“Hadi Sigorta Sektörü, Tam Zamanı” başlıklı yazım çok kısa sürede ses getirdi galiba….
Başta lider şirketler olmak üzere, sağlık sigortası şirketleri Covid19 tedavisine ilişkin istisnaları uygulamayacaklarını açıklamaya başladılar.
Açıklamalar Kamuoyu yerine, hastanelere veya doğrudan müşterilere gönderilen yazılar yolu ile yapılıyor.
Ben, şirket sözcülerinin basın karşısına çıkarak veya Basın Bülteni göndererek bu olağanüstü güzel gelişmeyi çok daha fazla kişiye ulaştırmaları gerektiğini, bu duyurunun sadece kendi şirketleri değil Sektörün algısında da pozitif etkiler yaratacağını, düşünüyorum.

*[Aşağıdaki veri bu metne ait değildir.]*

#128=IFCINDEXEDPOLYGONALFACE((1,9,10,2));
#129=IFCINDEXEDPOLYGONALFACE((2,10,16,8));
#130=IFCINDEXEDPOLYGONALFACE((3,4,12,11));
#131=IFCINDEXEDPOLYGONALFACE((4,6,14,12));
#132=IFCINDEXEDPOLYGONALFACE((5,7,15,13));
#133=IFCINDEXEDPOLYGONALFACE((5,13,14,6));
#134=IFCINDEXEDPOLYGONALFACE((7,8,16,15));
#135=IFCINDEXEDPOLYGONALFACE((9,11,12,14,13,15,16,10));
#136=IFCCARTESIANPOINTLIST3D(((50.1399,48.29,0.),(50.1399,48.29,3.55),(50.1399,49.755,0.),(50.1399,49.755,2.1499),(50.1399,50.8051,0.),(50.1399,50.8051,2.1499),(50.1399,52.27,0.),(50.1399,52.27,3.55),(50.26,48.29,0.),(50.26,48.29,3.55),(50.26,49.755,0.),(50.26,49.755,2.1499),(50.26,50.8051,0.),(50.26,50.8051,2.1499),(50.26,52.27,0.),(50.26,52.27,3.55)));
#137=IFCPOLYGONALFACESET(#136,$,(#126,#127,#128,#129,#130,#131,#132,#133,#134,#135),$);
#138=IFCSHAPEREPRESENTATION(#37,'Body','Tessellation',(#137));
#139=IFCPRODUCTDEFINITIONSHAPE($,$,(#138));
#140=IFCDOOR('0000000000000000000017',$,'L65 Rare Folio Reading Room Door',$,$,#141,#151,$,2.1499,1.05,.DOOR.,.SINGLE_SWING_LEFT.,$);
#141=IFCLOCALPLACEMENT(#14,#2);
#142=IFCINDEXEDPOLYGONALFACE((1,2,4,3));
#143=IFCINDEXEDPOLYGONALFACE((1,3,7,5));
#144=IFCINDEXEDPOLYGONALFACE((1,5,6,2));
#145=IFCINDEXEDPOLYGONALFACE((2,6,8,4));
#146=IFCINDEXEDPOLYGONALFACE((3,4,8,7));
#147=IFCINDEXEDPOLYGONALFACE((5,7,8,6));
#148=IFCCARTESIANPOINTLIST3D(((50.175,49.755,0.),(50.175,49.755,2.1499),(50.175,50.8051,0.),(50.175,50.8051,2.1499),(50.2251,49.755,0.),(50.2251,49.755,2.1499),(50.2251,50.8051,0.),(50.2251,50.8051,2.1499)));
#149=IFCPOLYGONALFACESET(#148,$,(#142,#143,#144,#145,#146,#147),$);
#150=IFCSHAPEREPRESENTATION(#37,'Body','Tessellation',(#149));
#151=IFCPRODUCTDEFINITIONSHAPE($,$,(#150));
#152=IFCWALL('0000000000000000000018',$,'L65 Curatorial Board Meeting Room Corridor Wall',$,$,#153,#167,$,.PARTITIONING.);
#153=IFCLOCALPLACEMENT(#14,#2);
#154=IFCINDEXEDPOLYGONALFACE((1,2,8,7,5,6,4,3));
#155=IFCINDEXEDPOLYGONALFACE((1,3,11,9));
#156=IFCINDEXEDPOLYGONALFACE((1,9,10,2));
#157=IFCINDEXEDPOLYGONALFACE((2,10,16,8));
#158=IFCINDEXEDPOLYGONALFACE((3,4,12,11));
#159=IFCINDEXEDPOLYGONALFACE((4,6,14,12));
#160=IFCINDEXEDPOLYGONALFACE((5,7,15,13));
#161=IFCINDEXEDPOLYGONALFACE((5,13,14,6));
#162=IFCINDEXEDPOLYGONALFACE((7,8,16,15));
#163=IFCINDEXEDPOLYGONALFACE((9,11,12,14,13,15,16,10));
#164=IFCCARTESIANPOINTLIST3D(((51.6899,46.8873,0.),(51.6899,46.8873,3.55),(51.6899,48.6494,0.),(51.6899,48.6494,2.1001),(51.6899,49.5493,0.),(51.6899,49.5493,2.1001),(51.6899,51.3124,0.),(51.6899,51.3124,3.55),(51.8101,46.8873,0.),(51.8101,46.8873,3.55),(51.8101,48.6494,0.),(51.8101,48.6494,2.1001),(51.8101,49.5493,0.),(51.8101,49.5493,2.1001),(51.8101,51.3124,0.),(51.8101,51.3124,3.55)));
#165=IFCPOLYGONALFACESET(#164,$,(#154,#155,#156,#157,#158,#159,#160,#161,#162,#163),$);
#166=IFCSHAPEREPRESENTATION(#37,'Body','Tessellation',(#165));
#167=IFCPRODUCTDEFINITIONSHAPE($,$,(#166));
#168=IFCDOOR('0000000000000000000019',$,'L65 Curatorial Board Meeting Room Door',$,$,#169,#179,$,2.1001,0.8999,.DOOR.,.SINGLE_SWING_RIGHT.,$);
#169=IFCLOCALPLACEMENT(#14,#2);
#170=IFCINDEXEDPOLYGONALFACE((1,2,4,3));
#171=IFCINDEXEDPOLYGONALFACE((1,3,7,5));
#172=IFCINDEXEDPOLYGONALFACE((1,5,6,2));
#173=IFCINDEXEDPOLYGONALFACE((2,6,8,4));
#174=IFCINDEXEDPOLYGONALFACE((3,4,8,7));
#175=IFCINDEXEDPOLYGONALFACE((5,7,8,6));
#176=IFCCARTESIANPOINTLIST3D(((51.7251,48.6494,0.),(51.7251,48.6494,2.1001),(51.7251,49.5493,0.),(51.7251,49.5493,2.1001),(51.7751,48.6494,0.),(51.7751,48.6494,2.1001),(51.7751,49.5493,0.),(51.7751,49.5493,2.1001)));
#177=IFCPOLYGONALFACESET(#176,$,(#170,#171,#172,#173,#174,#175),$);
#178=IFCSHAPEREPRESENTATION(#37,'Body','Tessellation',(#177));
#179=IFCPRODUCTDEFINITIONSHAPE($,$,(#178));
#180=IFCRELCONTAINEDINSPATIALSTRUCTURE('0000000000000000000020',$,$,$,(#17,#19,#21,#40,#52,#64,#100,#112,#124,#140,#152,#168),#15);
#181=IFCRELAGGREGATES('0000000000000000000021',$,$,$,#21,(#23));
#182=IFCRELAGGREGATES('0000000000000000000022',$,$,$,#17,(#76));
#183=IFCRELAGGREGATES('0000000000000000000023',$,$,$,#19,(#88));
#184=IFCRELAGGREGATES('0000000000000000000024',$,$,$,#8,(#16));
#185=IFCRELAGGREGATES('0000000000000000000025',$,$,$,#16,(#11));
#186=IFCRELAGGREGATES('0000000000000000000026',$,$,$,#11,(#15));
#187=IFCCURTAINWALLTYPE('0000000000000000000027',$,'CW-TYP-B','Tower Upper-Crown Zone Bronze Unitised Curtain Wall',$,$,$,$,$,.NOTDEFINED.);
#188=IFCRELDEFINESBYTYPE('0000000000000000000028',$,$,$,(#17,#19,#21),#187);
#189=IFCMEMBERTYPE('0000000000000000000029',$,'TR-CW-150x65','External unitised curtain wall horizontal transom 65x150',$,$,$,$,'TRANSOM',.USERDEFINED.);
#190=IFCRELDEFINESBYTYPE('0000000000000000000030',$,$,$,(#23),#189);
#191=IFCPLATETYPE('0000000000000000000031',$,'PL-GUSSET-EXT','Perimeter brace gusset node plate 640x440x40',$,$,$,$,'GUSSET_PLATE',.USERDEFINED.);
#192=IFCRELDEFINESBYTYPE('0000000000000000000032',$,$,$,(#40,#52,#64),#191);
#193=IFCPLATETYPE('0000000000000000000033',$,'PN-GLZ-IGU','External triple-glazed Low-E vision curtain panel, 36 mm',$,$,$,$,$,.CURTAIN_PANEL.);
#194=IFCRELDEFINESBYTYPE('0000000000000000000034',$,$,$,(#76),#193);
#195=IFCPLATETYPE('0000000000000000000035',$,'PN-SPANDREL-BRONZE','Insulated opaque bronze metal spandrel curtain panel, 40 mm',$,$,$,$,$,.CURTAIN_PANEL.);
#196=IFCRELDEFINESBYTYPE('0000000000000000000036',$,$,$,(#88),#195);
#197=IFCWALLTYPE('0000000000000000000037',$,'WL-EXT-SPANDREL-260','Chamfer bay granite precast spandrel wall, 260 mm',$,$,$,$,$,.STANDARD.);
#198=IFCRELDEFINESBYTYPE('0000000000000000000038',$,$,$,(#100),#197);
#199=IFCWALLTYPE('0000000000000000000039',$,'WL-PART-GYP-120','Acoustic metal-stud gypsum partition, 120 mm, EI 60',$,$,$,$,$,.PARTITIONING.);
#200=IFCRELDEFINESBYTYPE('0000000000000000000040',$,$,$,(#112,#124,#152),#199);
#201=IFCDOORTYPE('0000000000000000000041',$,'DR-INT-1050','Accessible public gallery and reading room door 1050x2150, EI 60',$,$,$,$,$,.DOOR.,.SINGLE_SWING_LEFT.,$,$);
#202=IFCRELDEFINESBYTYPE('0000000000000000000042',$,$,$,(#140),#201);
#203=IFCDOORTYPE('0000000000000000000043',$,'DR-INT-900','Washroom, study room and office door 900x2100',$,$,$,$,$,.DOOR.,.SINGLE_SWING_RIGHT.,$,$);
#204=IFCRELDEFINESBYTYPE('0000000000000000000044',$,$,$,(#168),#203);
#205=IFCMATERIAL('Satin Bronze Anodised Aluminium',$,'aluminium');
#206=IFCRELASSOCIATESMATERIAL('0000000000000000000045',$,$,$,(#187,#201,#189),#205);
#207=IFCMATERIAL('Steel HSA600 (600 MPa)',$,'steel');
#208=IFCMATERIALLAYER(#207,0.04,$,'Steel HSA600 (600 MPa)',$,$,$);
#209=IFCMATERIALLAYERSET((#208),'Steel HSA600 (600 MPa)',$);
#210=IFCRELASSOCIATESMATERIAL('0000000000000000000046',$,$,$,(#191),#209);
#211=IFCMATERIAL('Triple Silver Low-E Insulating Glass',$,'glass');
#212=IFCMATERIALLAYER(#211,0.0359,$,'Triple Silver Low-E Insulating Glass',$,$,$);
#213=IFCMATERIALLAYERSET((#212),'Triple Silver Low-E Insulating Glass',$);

Bu dönemde virüs ve/veya virüsün yol açtığı olağanüstü durum nedeniyle sigorta sektöründe yaşanabilecek nispeten düşük hasar/prim seyrinden hiç kimse, bu senenin sonunda “kar ettim” diyemez. Dememeli. En azından bu dönemde olağanüstü durumdan elde edilecek artı değer kadar hem müşterilere hem de müşteri olmayıp Covid19’dan etkilenecek sigorta paydaşlarına destek sağlanmalı.
Sigortacılık çok uzun soluklu bir iştir. Bugün ihtiyaç zamanında yapılacak güzel işler, geleceğe mutlaka ama mutlaka artı etki yapacaktır. Tam tersi, bir şeyler yapmamak da eksi etkileyecektir.
…
Şimdi gelelim diğer bir konu ve önerilerime;
Hayat Dışı sigortacılık sektöründe üç branş vardır ki toplam senelik prim üretiminin %60’dan fazlasını oluşturur. (Bütün Dünya’da aşağı yukarı böyledir.)
Bunlar Kasko, Trafik (Zorunlu) ve Sağlık branşlarıdır. Rekabete, fiyat duyarlılığına çok açıktır. Fiyattaki bir kuruşluk indirim sigorta şirketine üretim olarak anında geri döner.
Tahsilat sorunu çok azdır çünkü müşterinin gerçekten ihtiyaç duyduğu ürünlerdir ve müşteri primini mutlaka ödemeye çalışır.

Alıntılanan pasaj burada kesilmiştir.